Kawasan Tallasa City Makassar Mulai Kondusif Pascakebakaran Lahan Kosong

Kawasan Tallasa City Makassar Mulai Kondusif Pascakebakaran Lahan Kosong

Nasional | sindonews | Jum'at, 28 Agustus 2026 - 08:28
share

Kawasan kota mandiri Tallasa City, Tamalanrea, Makassar, Sulawesi Selatan saat ini berada dalam kondisi yang sepenuhnya kondusif dan aman pascakebakaran lahan kosong. Seluruh aktivitas warga maupun operasional kawasan juga berjalan normal seperti sedia kala.

Sebelumnya terjadi insiden titik api yang muncul di salah satu area lahan kosong dalam kawasan pada Senin (24/8/2026) lalu.

Manajemen FKS Land menegaskan, peristiwa tersebut dipastikan hanya menimpa hamparan lahan kosong dan ditumbuhi rumput liar yang mengering.

Selain itu, peristiwa ini terisolasi dengan baik sehingga tidak memakan korban jiwa, tidak ada satu pun bangunan, fasilitas perumahan, area komersial, maupun aset warga yang terdampak oleh kobaran api.

Baca juga: Pegawai Kemenkumham Sulsel Ikuti Simulasi Pemadaman KebakaranSistem mitigasi dan pelaporan di kawasan Tallasa City berjalan efektif.

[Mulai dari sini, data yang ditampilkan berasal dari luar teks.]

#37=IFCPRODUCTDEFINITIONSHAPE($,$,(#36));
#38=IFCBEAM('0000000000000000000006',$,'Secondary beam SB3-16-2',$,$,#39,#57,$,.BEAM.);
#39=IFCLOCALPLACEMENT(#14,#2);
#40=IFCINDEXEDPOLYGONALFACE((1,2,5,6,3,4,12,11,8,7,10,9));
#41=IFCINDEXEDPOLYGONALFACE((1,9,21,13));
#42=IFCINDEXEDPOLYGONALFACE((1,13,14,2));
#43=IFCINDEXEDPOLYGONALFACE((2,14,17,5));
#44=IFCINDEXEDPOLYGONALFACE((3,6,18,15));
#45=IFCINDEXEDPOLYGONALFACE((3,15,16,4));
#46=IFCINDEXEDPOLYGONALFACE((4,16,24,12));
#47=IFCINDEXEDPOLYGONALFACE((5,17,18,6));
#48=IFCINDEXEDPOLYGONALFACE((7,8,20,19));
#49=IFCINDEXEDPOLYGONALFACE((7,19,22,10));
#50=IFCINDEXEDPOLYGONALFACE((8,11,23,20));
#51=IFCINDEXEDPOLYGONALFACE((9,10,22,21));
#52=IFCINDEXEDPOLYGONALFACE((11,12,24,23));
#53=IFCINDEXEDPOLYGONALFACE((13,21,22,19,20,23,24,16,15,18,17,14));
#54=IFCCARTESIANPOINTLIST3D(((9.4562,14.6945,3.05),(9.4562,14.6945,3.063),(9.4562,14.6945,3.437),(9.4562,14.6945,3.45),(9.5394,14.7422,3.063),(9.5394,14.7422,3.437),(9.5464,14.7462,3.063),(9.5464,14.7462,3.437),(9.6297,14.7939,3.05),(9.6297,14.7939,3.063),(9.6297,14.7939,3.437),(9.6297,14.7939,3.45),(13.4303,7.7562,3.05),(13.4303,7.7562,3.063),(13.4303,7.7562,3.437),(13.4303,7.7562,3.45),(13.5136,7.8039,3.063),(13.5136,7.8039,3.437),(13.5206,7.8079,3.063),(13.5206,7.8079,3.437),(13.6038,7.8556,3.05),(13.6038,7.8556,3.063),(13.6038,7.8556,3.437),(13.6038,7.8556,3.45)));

Penanganan titik api berlangsung dengan cepat, terukur, dan terkoordinasi.

Kolaborasi yang solid antara tim internal kawasan dan Dinas Pemadam Kebakaran (Damkar) Kota Makassar membuat api berhasil dipadamkan secara total pada pukul 21.00 WITA.

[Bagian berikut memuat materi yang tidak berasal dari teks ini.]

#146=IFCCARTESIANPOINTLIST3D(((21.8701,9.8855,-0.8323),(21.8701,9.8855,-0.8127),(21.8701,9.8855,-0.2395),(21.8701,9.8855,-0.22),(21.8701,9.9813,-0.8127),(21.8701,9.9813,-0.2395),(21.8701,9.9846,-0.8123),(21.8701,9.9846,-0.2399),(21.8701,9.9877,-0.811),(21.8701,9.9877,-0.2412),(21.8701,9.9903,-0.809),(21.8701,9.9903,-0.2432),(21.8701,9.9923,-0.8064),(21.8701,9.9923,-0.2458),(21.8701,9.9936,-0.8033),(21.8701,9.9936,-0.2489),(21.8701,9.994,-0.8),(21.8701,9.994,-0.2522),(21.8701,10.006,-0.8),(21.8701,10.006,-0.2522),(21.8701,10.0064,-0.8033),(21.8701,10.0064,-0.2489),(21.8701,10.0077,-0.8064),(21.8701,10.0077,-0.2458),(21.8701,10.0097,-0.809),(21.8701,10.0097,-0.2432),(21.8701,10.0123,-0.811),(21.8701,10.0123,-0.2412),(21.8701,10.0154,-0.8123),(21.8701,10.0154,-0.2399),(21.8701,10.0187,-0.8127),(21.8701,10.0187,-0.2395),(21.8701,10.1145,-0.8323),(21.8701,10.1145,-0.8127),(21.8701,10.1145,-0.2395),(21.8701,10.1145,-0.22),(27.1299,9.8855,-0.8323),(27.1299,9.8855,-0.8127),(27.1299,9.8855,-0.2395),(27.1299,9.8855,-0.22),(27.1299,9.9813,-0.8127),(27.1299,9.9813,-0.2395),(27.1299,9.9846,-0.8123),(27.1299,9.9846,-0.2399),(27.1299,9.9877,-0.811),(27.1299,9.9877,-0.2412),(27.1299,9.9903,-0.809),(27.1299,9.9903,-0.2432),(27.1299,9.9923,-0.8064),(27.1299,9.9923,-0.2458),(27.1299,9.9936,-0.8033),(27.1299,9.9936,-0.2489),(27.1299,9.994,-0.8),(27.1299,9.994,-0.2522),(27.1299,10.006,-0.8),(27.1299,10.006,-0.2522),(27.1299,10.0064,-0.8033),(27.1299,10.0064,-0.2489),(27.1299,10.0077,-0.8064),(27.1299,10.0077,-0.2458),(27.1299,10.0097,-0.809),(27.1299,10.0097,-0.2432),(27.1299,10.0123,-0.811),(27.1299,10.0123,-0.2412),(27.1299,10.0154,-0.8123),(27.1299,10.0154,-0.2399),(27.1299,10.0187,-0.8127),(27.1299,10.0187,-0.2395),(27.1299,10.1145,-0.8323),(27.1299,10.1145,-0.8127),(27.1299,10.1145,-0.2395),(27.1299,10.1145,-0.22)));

Sebanyak 8 unit armada pemadam kebakaran dikerahkan ke lokasi untuk melakukan pemadaman sekaligus proses pendinginan (cooling down) guna memastikan tidak ada potensi api susulan.

Lihat video: Mal Nipah Makassar Terbakar, Pengunjung Pingsan hingga Sesak Napas

Yus Tinus Iwan Kurnianto, Makassar Operations Sub Division Head FKS Land menyampaikan apresiasi atas sinergi seluruh pihak yang terlibat sekaligus memberikan pesan penenang kepada masyarakat.

“Kami mengucapkan terima kasih yang sebesar-besarnya kepada tim Damkar Kota Makassar atas respons cepat dan dedikasi yang tinggi di lapangan. Kami ingin meyakinkan kepada seluruh penghuni, pengunjung, dan masyarakat luas bahwa Tallasa City saat ini 100 aman. Titik api yang muncul murni hanya membakar area rumput kering di lahan kosong dan sama sekali tidak menjangkau area permukiman atau bangunan yang ada di kawasan kami,” tegas Yus Tinus Iwan Kurnianto dalam keterangannya, dikutip Jumat (28/8/2026).

Lebih lanjut, manajemen menjadikan momen ini sebagai pengingat bersama untuk meningkatkan kesadaran terhadap kelestarian lingkungan, terutama dalam menghadapi dinamika cuaca. Pihak pengelola kawasan secara aktif mengimbau masyarakat luas untuk senantiasa berhati-hati dan saling menjaga.

“Keamanan dan kenyamanan warga adalah prioritas utama kami. Di samping itu, mari bersama-sama kita jaga alam agar tetap asri, hijau, dan lestari,” tegasnya.